Я была удостоена премии дипломанта конкурса, хотя Л. Афанасьев и А. Броневицкий были уверены, что как минимум вторая премия лауреата мне будет присуждена. Как теперь мы уже хорошо знаем, за все нужно… бороться и свою правоту отстаивать, чего тогда, к большому моему сожалению, не произошло. Потом Леня Афанасьев рассказал мне, что места лауреатов были уже заранее поделены между французским шансонье, бельгийской певицей и чехословацким певцом. Спустя какое-то время представитель румынского радио, проучившийся в СССР пять лет, сказал мне: «Вы, великая, гордая держава, но, простите, с голым задом». Я поняла смысл его слов так, что чтобы получить место лауреата, надо было или хорошо заплатить, или накрыть шикарный стол.

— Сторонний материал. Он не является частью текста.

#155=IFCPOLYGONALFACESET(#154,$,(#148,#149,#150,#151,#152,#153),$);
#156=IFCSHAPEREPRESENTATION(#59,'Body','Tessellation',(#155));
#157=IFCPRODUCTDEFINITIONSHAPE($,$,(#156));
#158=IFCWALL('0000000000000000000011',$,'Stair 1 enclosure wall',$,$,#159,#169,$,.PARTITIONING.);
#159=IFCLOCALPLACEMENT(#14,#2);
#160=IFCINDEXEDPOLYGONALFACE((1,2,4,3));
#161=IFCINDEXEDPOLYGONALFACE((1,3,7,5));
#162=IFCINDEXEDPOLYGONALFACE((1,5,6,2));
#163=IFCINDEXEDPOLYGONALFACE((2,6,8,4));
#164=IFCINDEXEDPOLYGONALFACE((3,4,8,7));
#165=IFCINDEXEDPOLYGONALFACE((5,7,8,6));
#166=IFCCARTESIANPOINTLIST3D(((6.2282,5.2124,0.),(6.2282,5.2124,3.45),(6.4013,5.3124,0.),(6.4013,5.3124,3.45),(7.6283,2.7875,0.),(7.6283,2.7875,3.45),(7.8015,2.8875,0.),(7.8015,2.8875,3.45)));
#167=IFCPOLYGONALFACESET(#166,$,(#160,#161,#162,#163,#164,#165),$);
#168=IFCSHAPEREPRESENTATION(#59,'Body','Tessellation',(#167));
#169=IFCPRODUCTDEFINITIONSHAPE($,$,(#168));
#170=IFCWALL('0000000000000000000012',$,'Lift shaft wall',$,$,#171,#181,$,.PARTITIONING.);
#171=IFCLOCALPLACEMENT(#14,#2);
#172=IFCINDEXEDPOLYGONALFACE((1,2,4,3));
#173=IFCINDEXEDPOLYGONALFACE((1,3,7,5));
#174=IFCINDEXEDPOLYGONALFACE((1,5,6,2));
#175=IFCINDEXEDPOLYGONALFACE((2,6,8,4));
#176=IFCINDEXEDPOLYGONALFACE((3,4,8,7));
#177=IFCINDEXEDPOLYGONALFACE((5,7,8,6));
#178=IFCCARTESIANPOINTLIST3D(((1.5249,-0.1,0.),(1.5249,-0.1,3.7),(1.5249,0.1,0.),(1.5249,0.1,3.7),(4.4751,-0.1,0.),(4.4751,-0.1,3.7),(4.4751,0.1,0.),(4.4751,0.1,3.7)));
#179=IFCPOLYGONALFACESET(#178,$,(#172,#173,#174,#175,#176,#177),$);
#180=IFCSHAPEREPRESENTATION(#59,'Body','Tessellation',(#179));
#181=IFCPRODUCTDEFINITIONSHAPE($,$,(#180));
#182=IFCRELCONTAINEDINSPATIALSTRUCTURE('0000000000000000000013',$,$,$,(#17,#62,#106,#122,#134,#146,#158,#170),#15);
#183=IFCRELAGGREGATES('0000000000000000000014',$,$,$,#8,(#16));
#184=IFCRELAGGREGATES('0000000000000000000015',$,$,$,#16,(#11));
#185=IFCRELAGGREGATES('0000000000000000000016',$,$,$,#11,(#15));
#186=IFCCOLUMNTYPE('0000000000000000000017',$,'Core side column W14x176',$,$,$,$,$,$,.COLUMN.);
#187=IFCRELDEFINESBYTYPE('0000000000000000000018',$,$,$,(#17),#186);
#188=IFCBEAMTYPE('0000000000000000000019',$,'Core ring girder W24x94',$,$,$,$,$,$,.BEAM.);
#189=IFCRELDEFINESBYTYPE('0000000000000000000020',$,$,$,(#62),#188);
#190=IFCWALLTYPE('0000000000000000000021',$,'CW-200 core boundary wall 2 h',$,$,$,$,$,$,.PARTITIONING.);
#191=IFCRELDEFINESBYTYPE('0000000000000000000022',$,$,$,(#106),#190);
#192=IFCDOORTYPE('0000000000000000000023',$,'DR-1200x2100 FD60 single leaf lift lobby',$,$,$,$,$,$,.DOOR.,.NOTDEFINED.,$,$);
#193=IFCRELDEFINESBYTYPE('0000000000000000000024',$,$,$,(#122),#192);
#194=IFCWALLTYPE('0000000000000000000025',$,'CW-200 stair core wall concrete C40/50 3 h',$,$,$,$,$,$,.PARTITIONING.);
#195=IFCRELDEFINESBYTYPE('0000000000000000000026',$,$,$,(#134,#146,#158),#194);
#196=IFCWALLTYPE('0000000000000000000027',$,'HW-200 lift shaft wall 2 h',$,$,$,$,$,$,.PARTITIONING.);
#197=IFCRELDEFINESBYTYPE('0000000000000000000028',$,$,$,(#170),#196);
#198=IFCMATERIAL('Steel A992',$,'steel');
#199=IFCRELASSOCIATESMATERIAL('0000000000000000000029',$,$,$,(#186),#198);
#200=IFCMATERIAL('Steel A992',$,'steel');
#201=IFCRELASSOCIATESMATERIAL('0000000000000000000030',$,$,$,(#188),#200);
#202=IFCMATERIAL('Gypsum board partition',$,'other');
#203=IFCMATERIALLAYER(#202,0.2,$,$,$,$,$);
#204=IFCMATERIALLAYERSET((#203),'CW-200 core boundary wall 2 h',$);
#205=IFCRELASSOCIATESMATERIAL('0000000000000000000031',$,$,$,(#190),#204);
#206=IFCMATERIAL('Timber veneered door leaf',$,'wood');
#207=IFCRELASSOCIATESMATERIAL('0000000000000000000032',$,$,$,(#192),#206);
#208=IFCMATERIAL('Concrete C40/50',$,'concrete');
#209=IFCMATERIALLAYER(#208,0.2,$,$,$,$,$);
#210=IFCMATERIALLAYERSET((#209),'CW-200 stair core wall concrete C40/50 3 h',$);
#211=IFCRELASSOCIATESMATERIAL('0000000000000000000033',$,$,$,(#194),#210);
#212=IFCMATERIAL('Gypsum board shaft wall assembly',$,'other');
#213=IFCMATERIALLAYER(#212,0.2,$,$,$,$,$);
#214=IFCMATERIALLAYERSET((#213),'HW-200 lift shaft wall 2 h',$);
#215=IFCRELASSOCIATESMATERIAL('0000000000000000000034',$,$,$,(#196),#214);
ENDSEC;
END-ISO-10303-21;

Позже, в газете «Советская культура» в связи с прошедшим конкурсом обо мне обмолвились несколькими негативными словами, и, долго плакала от обиды, непонимания присходящего. А главное то, что оказалась стрелочником. Но в душе я всегда знала, чего стою. После фестиваля в Румынии я получила официальное письмо, в котором один бельгийский импресарио приглашал меня с концертами в Бельгию. Приглашение было написано на французском языке, и мне снова пришлось обратиться за помощью к Эдди Рознеру, который, прочитав его, отметил, что это копия официального приглашения, а само приглашение или контракт посланы в Министерство культуры СССР, но «они тебя никуда и никогда, — сказал Рознер, — не пустят». Долго я ждала, надеясь получить ответ из Министерства культуры, но его так и не последовало.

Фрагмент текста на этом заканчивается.